Wednesday, January 31, 2007

First, Do No Harm

Governor Schwarzenegger's health insurance plan is premised on a false assumption about the uninsured.
Universal coverage is, once again, the new big idea in health care. In mid-January the AARP and the service employees' union teamed up with the Business Roundtable to demand affordable, quality care for all. Massachusetts is implementing reforms aimed at covering everyone. In a dozen more states legislators are considering large-scale efforts to expand insurance. Even President Bush is talking about a sweeping tax reform package that would help millions of self-employed individuals pay for health care.

Of all the new proposals, the most ambitious, and likely most influential, comes from California Governor Arnold Schwarzenegger. That's a scary prospect. The governor has based his plan, heavy on government expansion and interference, on a faulty diagnosis of the uninsured. If politicians really want to achieve "affordable, accessible and equitable" health care, as the governor suggests, they will need to consider less government intervention, not more.

The governor advocates a massive expansion of Medicaid and other government programs. He wants to regulate not only how insurance companies sell their policies but also how much they should spend on patient care. He proposes a host of new taxes and spending, ultimatums to force businesses and individuals to buy insurance and a raft of new regulations. Some ideas, like the new fees he wants to impose on physicians, have already provoked angry objections. Yet practically everyone praises the governor for his vision of universal coverage.

The uninsured are depicted in popular culture as lost and forgotten--the single mother in the emergency room struggling to make ends meet for her three children. But the uninsured are a heterogeneous group. Drawing on Census Bureau data, the Blue Cross Blue Shield Association found in a 2003 report that a third of the uninsured have family incomes of more than $50,000 a year, and for 16% of the uninsured, incomes exceed $75,000 a year. A Health Affairs study on nonpoor uninsured Californians pegs their average annual health spending at $200 per person. Many people have done the math and have decided not to get coverage. In addition, a third of the uninsured already qualify for Medicaid or some other type of program. Of the remaining third, many are without insurance for only a brief period, usually less than a year.

To be sure, there are 8 million Americans who slip through the cracks, unable to get coverage. But that's far fewer than the commonly quoted disaster figure of 46 million.

What needs to be done? The governor should start by ending the universal-coverage obsession so common in political circles. That includes his plan to cover children in public programs, even kids in families with incomes as high as $60,000 a year.

He should propose a two-pronged plan. First, he should make health insurance more affordable. For decades, state legislators have demanded increased coverage for various services, including in vitro fertilization, clinical trials and visits with chiropractors, social workers and acupuncturists. Only six states have more mandates than California. A small business in Los Angeles can't buy no-frills health insurance. Coverage mandates must be scrapped. And Schwarzenegger should work to make health care itself less expensive. Get rid of laws that protect providers from competition and create cartels of hospitals and other institutions.

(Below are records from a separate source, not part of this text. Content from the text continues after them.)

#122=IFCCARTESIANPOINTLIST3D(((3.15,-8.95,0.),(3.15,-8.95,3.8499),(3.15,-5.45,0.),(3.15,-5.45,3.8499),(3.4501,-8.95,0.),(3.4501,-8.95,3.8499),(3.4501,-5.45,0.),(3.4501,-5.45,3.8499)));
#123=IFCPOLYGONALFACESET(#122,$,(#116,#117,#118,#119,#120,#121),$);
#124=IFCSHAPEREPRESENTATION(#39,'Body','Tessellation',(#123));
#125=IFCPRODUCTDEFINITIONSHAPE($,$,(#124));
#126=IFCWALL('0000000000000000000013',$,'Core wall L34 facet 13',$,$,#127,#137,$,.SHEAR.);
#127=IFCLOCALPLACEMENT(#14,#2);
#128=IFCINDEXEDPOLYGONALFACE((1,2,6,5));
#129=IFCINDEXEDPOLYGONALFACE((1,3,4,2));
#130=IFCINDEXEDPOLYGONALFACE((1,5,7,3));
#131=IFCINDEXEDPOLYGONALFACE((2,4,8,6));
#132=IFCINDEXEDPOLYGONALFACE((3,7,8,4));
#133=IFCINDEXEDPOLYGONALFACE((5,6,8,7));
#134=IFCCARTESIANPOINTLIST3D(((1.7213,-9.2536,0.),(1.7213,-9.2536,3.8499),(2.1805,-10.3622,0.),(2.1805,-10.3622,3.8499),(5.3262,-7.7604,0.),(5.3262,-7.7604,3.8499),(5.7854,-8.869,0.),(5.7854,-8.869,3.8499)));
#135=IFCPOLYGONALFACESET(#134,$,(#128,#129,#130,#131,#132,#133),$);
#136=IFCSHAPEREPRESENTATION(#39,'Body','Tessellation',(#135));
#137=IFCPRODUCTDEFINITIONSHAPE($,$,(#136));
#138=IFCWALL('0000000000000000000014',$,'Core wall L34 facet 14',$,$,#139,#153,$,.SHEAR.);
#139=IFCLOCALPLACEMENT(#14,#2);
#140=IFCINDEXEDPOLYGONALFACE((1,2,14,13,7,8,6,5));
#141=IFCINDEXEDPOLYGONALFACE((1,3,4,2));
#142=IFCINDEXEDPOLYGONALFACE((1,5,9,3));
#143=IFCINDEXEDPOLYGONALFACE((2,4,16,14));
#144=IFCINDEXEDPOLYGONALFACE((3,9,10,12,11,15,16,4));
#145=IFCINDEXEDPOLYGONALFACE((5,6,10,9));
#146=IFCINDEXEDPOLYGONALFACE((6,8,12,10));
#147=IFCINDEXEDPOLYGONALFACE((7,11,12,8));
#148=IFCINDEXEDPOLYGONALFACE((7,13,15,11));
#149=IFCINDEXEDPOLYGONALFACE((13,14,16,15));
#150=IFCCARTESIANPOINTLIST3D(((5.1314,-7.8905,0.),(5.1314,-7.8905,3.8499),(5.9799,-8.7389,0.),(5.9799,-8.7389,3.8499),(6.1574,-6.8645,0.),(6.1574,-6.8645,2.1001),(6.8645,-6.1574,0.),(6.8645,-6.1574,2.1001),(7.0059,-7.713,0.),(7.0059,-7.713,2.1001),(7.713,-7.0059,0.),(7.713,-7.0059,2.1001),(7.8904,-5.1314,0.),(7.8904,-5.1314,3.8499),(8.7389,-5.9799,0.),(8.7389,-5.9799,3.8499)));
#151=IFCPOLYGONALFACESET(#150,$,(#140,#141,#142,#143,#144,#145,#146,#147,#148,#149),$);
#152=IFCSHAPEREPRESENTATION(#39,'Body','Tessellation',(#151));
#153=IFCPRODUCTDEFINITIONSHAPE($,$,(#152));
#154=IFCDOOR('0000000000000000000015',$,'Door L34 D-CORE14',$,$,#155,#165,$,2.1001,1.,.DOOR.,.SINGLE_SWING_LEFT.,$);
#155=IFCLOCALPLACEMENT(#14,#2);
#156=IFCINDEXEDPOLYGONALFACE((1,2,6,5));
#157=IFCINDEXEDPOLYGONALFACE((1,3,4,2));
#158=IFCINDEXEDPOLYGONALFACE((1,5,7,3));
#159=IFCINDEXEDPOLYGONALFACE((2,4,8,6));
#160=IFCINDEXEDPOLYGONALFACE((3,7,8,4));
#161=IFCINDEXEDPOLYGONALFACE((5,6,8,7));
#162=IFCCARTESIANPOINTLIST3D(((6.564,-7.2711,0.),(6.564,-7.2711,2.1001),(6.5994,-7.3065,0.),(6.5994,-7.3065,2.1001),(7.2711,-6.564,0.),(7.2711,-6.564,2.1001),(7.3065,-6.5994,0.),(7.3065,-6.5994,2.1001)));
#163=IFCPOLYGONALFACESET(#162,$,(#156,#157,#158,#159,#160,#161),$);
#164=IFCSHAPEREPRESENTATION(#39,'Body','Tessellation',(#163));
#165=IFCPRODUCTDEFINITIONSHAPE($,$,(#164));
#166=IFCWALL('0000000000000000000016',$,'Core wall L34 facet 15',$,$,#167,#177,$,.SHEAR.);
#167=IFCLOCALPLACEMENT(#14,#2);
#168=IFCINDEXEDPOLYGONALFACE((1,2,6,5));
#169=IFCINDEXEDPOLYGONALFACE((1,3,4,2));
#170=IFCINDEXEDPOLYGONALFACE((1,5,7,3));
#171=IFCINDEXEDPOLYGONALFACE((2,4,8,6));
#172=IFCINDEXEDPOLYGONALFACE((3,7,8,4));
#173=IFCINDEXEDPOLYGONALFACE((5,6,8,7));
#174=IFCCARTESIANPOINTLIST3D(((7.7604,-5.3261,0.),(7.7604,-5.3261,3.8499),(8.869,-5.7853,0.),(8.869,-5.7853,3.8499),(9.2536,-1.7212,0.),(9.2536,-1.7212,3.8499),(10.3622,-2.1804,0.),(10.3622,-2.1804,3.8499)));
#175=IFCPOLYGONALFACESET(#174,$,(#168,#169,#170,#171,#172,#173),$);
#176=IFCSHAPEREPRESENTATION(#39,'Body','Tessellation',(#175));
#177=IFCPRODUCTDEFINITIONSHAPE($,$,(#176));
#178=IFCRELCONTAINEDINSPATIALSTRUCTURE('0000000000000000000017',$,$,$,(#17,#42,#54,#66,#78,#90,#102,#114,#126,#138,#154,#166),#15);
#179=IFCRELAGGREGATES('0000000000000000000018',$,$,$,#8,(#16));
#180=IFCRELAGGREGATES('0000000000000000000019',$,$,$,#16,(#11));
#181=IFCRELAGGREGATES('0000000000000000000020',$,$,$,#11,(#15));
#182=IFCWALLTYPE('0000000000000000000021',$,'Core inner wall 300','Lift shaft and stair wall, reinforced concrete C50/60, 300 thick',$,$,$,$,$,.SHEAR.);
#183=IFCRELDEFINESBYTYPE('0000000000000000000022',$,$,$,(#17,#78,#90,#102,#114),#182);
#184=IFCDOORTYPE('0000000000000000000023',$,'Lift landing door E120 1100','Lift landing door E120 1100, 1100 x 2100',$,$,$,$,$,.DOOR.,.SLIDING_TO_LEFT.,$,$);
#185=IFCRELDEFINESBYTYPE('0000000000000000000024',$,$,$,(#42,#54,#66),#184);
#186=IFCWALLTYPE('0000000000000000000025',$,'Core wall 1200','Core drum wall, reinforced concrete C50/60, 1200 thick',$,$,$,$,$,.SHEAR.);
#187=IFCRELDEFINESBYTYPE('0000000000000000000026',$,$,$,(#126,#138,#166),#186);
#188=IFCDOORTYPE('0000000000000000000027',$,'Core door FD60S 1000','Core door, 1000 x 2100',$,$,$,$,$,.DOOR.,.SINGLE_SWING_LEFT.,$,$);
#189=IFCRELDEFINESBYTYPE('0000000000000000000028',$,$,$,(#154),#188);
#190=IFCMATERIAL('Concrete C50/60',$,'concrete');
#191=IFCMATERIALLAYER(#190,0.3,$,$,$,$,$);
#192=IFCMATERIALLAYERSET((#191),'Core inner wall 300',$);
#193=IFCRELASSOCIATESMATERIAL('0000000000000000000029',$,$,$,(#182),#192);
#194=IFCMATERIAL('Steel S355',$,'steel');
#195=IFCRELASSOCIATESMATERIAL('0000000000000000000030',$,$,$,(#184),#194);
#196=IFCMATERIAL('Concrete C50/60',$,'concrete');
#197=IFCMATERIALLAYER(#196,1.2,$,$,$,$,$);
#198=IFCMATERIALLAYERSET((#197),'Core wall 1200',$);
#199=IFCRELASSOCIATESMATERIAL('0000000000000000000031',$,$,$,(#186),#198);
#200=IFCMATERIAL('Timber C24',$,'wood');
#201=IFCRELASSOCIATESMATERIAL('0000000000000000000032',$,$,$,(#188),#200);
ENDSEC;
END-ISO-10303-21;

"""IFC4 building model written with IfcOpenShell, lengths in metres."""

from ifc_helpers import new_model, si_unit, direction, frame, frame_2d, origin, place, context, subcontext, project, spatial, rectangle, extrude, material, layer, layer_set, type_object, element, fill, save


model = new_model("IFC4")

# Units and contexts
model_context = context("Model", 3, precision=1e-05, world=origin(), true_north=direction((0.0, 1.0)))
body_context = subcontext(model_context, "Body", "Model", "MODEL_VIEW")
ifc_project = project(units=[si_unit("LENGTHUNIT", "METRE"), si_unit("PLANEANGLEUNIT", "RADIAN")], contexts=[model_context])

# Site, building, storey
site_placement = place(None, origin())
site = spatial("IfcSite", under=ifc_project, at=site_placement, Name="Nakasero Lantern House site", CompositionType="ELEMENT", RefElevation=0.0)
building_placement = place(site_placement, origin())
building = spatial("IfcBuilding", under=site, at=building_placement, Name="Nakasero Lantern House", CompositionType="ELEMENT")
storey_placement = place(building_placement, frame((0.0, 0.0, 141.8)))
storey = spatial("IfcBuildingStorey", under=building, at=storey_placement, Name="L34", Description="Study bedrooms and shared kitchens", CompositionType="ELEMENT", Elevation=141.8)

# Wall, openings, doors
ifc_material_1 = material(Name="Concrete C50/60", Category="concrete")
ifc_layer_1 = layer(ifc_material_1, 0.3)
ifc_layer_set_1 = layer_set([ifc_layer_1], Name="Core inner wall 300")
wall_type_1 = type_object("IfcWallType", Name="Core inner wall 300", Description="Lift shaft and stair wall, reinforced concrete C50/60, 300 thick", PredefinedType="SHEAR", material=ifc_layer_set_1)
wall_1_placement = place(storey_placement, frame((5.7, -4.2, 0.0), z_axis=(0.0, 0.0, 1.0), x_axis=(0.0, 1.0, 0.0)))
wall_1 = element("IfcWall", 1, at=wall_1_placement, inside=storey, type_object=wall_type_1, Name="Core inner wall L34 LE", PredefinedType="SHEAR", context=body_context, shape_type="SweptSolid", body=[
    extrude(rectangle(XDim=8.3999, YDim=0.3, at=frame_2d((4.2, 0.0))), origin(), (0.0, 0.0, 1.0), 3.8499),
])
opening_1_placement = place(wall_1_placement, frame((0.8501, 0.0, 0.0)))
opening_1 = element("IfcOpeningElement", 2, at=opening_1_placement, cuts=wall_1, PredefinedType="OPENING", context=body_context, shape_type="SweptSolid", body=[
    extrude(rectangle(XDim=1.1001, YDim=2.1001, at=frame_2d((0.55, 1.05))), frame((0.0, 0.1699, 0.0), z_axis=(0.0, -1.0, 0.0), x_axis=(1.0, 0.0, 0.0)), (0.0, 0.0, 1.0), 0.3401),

Health savings accounts, authorized by Congress in 2003, should be popularized. Give millions of state employees this option. Level the tax playing field by giving individuals the same tax deductions (on state returns) that employers get when buying health insurance, since the federal tax code presently favors the latter group.

California should focus government aid on those who need help. Nationally, roughly $35 billion is already spent on the uninsured, but the money funds a labyrinth of bureaucracies and programs. Instead, government should provide vouchers to cover part of the cost of private insurance.

How many of these recommendations are contained in the governor's plan? Exactly one: greater tax fairness for people who don't get health insurance on the job. The rest of the plan is quite unhealthful.

David Gratzer, M.D. Senior Fellow at the Manhattan Institute and Author of The Cure: How Capitalism Can Save American Health Care (Encounter Books).